What primers and powder ? 

Most shooting will be 100 yards an under .

Gun is suppressed . 

Thanks 


Sent from my iPhone using Tapatalk


----------



## horned frog (Nov 9, 2008)

I buy brass from Andy Stowe in Beeville, Texas. He advertises on CastBoolits.com and ships to my house. Very reasonable, good quality 5.56 brass converted to 300 BLK, trimmed, sized, polished and ready to load.

Hornady 125 gt SST bullets have crimp cannelures and I do crimp these bullets with a Lee Factory Crimp Die when I load them. Sierra MatchKing 220 grain bullets are what I load for subsonics and I don't crimp them.

Remington 7 1/2 primers work just fine.

Subsonic loads like 1680 powder.
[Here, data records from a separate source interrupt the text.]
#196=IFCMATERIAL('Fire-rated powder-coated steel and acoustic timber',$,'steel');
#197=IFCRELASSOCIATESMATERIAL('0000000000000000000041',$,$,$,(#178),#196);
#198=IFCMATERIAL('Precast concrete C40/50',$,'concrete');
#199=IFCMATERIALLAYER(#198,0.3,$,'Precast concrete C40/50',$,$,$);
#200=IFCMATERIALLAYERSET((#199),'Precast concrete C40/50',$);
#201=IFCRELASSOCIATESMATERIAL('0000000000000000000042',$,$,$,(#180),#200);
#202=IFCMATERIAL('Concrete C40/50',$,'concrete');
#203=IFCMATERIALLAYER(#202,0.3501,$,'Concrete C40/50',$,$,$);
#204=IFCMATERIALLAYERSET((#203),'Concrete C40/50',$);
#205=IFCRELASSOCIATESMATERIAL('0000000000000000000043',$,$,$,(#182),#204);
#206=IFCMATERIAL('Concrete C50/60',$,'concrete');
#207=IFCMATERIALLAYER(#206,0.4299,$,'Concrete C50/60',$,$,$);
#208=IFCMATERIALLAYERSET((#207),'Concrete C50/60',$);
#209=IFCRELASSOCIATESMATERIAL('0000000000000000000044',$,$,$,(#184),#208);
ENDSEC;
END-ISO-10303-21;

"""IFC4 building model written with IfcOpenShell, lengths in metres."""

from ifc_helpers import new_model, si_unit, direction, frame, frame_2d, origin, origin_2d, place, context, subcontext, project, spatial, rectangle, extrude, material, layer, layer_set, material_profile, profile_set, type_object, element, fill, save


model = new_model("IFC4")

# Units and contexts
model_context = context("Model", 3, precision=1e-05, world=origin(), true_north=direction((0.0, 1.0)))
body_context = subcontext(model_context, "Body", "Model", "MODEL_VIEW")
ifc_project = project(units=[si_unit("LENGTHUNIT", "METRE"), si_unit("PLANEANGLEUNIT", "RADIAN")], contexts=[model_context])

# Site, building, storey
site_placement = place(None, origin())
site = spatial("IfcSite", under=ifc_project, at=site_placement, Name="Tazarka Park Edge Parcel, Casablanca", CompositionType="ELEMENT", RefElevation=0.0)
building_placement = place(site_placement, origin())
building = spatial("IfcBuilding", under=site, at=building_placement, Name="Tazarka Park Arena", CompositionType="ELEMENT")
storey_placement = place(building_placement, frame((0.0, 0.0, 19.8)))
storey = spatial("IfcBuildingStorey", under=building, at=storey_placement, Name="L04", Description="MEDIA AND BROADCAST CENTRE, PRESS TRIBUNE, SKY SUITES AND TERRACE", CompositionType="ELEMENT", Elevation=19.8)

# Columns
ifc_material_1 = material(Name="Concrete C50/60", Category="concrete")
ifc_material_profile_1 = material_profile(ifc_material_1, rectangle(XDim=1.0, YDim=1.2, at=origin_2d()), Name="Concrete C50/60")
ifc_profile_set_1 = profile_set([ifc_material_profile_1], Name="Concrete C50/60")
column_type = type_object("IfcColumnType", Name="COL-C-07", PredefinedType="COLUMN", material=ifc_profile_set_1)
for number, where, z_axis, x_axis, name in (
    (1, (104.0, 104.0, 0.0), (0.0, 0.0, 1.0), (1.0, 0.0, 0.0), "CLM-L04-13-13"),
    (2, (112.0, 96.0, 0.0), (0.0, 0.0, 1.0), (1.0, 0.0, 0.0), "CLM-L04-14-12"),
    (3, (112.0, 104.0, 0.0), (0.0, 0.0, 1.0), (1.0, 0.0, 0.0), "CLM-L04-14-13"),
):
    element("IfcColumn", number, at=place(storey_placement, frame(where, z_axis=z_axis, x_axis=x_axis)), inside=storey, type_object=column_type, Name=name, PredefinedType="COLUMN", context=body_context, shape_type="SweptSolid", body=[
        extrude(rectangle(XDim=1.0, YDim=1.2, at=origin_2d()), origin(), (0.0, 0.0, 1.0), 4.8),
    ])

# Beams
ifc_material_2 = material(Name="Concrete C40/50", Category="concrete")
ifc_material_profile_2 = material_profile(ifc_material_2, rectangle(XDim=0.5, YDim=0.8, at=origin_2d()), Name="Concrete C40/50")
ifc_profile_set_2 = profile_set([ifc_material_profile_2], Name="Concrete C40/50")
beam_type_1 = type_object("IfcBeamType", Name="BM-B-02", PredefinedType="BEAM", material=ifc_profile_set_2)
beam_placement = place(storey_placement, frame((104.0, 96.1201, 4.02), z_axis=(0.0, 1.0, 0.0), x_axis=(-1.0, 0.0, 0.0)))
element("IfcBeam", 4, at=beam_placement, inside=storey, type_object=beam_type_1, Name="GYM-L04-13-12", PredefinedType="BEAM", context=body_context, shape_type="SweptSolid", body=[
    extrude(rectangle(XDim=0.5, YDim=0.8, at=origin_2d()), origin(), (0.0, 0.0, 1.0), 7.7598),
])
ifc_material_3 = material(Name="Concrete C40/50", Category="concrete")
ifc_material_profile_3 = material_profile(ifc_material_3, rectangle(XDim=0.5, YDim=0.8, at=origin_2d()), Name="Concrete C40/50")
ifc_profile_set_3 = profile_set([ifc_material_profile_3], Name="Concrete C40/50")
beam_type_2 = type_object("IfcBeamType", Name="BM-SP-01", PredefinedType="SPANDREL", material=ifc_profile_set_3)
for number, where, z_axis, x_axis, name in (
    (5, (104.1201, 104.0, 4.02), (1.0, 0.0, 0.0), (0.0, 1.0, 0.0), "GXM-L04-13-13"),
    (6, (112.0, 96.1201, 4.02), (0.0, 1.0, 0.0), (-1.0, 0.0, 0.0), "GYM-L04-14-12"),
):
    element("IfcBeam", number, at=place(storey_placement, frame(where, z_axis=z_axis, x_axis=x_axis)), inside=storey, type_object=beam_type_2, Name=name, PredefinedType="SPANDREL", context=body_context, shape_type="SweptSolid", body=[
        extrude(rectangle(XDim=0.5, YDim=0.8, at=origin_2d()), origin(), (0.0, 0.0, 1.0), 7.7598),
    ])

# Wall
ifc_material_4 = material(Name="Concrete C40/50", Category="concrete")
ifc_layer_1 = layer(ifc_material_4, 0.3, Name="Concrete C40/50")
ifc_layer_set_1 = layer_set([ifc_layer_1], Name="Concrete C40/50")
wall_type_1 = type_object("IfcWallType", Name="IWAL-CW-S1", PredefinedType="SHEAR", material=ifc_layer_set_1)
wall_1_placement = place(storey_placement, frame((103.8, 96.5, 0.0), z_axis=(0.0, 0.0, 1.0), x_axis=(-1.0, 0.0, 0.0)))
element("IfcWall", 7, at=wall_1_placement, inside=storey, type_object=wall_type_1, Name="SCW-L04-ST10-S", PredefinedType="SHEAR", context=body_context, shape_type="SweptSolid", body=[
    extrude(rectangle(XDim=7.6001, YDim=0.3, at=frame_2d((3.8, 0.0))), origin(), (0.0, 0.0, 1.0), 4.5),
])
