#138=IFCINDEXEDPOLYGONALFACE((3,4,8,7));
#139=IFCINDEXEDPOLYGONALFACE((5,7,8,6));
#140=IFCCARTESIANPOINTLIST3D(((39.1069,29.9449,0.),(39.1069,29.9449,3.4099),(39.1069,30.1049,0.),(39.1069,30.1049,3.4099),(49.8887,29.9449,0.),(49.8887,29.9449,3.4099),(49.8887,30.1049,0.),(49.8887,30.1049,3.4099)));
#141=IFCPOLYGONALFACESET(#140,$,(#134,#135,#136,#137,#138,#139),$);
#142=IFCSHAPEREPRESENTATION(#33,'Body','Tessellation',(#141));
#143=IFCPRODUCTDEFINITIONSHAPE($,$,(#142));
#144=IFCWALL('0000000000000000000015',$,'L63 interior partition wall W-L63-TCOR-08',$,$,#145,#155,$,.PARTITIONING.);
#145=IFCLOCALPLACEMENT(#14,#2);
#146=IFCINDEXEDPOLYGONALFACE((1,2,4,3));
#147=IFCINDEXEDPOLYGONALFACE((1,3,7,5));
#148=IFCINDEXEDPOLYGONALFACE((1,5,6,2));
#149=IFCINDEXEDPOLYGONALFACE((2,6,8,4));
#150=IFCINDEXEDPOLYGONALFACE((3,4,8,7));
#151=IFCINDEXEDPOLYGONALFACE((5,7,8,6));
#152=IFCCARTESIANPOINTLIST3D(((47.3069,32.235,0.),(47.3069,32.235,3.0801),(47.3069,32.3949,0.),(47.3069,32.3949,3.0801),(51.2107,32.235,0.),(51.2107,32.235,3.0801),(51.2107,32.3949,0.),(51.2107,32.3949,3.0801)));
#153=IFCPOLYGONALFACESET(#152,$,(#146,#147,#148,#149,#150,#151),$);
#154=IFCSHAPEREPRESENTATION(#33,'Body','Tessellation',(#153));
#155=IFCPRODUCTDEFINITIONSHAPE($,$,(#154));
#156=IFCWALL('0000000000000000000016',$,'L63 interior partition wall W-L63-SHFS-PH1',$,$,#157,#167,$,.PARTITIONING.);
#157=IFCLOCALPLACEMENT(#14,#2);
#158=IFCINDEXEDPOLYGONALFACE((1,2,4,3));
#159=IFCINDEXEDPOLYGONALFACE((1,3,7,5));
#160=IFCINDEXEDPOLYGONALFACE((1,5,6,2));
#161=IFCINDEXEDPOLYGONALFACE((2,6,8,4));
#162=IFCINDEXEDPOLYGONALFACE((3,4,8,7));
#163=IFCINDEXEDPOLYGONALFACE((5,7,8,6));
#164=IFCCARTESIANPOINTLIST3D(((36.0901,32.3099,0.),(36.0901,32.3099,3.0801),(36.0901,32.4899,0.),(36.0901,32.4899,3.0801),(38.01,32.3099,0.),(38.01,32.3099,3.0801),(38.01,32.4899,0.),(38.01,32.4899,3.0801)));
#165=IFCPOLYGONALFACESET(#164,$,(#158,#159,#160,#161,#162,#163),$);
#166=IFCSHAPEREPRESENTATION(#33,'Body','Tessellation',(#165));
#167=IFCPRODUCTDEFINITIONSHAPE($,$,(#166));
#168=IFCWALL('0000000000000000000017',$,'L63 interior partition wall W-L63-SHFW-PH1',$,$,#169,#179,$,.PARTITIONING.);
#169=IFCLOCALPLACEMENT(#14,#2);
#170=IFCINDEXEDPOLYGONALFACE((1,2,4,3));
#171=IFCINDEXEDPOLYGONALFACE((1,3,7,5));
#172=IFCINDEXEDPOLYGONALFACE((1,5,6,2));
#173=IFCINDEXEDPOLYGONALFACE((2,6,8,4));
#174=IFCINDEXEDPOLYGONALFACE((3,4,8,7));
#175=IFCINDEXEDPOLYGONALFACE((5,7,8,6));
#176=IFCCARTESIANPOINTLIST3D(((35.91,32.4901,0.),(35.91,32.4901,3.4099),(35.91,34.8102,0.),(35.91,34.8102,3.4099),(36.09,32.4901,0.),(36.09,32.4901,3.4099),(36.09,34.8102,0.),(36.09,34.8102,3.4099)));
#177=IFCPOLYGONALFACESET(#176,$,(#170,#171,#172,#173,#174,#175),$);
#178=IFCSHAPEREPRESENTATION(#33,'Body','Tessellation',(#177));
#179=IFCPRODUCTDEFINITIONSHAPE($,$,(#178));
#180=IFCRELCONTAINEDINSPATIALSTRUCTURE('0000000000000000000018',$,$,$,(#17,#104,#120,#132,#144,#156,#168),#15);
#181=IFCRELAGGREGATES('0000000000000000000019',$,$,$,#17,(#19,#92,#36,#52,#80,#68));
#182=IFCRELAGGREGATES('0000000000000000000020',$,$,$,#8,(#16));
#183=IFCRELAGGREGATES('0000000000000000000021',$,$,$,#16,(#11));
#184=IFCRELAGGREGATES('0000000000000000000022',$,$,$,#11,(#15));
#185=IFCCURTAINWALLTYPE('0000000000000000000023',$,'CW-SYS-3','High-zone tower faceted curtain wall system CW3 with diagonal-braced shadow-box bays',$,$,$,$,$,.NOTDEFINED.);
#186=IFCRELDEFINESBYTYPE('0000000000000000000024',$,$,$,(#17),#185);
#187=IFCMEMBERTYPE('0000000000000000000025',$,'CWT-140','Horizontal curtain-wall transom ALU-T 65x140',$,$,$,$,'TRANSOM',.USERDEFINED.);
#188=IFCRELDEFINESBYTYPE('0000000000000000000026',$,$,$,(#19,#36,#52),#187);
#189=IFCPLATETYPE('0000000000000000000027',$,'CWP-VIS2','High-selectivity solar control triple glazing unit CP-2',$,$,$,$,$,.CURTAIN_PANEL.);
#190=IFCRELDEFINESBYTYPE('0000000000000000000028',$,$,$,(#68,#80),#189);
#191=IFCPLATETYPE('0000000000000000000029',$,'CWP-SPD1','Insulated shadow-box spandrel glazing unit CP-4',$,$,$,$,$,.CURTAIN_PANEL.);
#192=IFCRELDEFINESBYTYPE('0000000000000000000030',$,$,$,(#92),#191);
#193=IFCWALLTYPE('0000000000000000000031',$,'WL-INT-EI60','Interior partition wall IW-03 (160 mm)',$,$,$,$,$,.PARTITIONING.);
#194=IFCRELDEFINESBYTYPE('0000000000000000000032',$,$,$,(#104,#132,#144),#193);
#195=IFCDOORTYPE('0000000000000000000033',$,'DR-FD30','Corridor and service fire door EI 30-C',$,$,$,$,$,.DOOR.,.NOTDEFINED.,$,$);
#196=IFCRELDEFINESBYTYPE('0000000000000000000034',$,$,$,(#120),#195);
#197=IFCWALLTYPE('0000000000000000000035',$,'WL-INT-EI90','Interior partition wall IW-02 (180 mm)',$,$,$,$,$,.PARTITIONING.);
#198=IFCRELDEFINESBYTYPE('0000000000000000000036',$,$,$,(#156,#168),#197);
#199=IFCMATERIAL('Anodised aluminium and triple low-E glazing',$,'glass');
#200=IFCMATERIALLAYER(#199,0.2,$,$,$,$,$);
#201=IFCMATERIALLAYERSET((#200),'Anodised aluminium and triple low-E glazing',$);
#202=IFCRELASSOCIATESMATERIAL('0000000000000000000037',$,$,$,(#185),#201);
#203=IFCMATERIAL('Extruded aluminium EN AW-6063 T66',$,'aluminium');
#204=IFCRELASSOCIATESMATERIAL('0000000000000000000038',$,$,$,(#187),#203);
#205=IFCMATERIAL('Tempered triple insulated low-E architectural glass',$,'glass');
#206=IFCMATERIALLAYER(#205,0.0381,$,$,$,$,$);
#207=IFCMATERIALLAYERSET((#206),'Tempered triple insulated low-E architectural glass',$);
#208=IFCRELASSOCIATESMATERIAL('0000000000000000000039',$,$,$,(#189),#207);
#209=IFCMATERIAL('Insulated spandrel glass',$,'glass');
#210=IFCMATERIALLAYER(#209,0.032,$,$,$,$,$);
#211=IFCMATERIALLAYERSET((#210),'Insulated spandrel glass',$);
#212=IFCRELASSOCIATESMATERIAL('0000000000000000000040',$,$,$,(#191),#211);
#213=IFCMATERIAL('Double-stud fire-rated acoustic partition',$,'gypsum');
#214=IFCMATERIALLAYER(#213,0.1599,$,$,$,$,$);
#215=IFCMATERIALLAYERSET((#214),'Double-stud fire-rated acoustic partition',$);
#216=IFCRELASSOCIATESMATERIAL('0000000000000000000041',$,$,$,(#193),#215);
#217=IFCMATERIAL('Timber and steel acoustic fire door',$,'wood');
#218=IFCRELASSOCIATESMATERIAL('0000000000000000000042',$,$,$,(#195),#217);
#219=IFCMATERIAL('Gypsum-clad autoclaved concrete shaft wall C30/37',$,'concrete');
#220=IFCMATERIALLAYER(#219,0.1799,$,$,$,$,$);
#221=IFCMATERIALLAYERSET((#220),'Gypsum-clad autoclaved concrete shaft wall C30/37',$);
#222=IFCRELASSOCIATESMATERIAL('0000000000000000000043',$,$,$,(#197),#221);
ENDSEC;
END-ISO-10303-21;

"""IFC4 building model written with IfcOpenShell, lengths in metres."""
Full power loads work well with H110 magnum pistol powder.


----------



## Wado (May 15, 2011)

Me too. http://www.300blktalk.com has pet loads. I found a long winded discussion at AR15.com on the 300 Blackout also. I crimp with a Lee Factory Crimp and use small base AR series dies. Buy bullets with a cannelure or you have to be careful with the crimp die or it will crush the round. From what I read H110 and Winchester 296 are the same and H110 gets better accuracy on or near max loads. Lil Gun for subs or A1680. I also use I4227 and it seems to be OK in my bolt gun. I haven't fired my AR yet but ran some dummies through it to see if I would have any hang ups. The gun shop test fired it with factory 110 V Max loads and it spit them out. As for subs in an AR I have no idea what to say. I make my brass from Remington range brass but if you can buy it ready to go cheap, do it. Stay away from imported brass, necks can be too thick, they have a list of brass at 300blktalk.com. And something else I read was once you fire form your brass and reload you might get better accuracy. Don't know for sure. There is another thread going now with some of our loads in this forum.


----------



## spurgersalty (Jun 29, 2010)

Gather boolits, powder, dies, calipers, and load. Take gun out to field. Set in corner of blind. Gather a couple of decent sized rocks and place in pockets. When pigs come out, throw rocks, you'll get more velocity and knock down power


----------



## Wado (May 15, 2011)

spurgersalty said:


> Gather boolits, powder, dies, calipers, and load. Take gun out to field. Set in corner of blind. Gather a couple of decent sized rocks and place in pockets. When pigs come out, throw rocks, you'll get more velocity and knock down power


Don't mess with my "Dirty Thirty"!!!!!!!!!!!


----------



## spurgersalty (Jun 29, 2010)

lol...I kid a bit:slimer:
I haven't been able to find either of my chronies since we've packed for the move Wado. Kind of dull at the range the past few times because of ithwell:


----------



## artys_only (Mar 29, 2005)

Her is a picture of her , pic it up tommarow .
Night vision was set to far back in this pic . I will post up how it shoots tommarow 


Sent from my iPhone using Tapatalk


----------



## artys_only (Mar 29, 2005)

Here is the picture 









Sent from my iPhone using Tapatalk


----------



## Wado (May 15, 2011)

spurgersalty said:


> lol...I kid a bit:slimer:
> I haven't been able to find either of my chronies since we've packed for the move Wado. Kind of dull at the range the past few times because of ithwell:


I wondered what happened. No rush, I have access to one but if you come across it I'm still on. I know why the call it Blackout. Puts a lot of soot in your barrel. This caliber is like a 17 HMR, just got to try it out. There are some hard core AR cult members that absolutely hate it, to each his own I guess. In my quiet voice, I Hate 270's. Don't have one, don't want one. Talk about an infatuation.


----------



## THE JAMMER (Aug 1, 2005)

spurgersalty said:


> Gather boolits, powder, dies, calipers, and load. Take gun out to field. Set in corner of blind. Gather a couple of decent sized rocks and place in pockets. When pigs come out, throw rocks, you'll get more velocity and knock down power


C'mon spurge Meister. If you would shoot one with an ak, you can get the same, if not a bit better ballistics from a 125 gr 300 blackout.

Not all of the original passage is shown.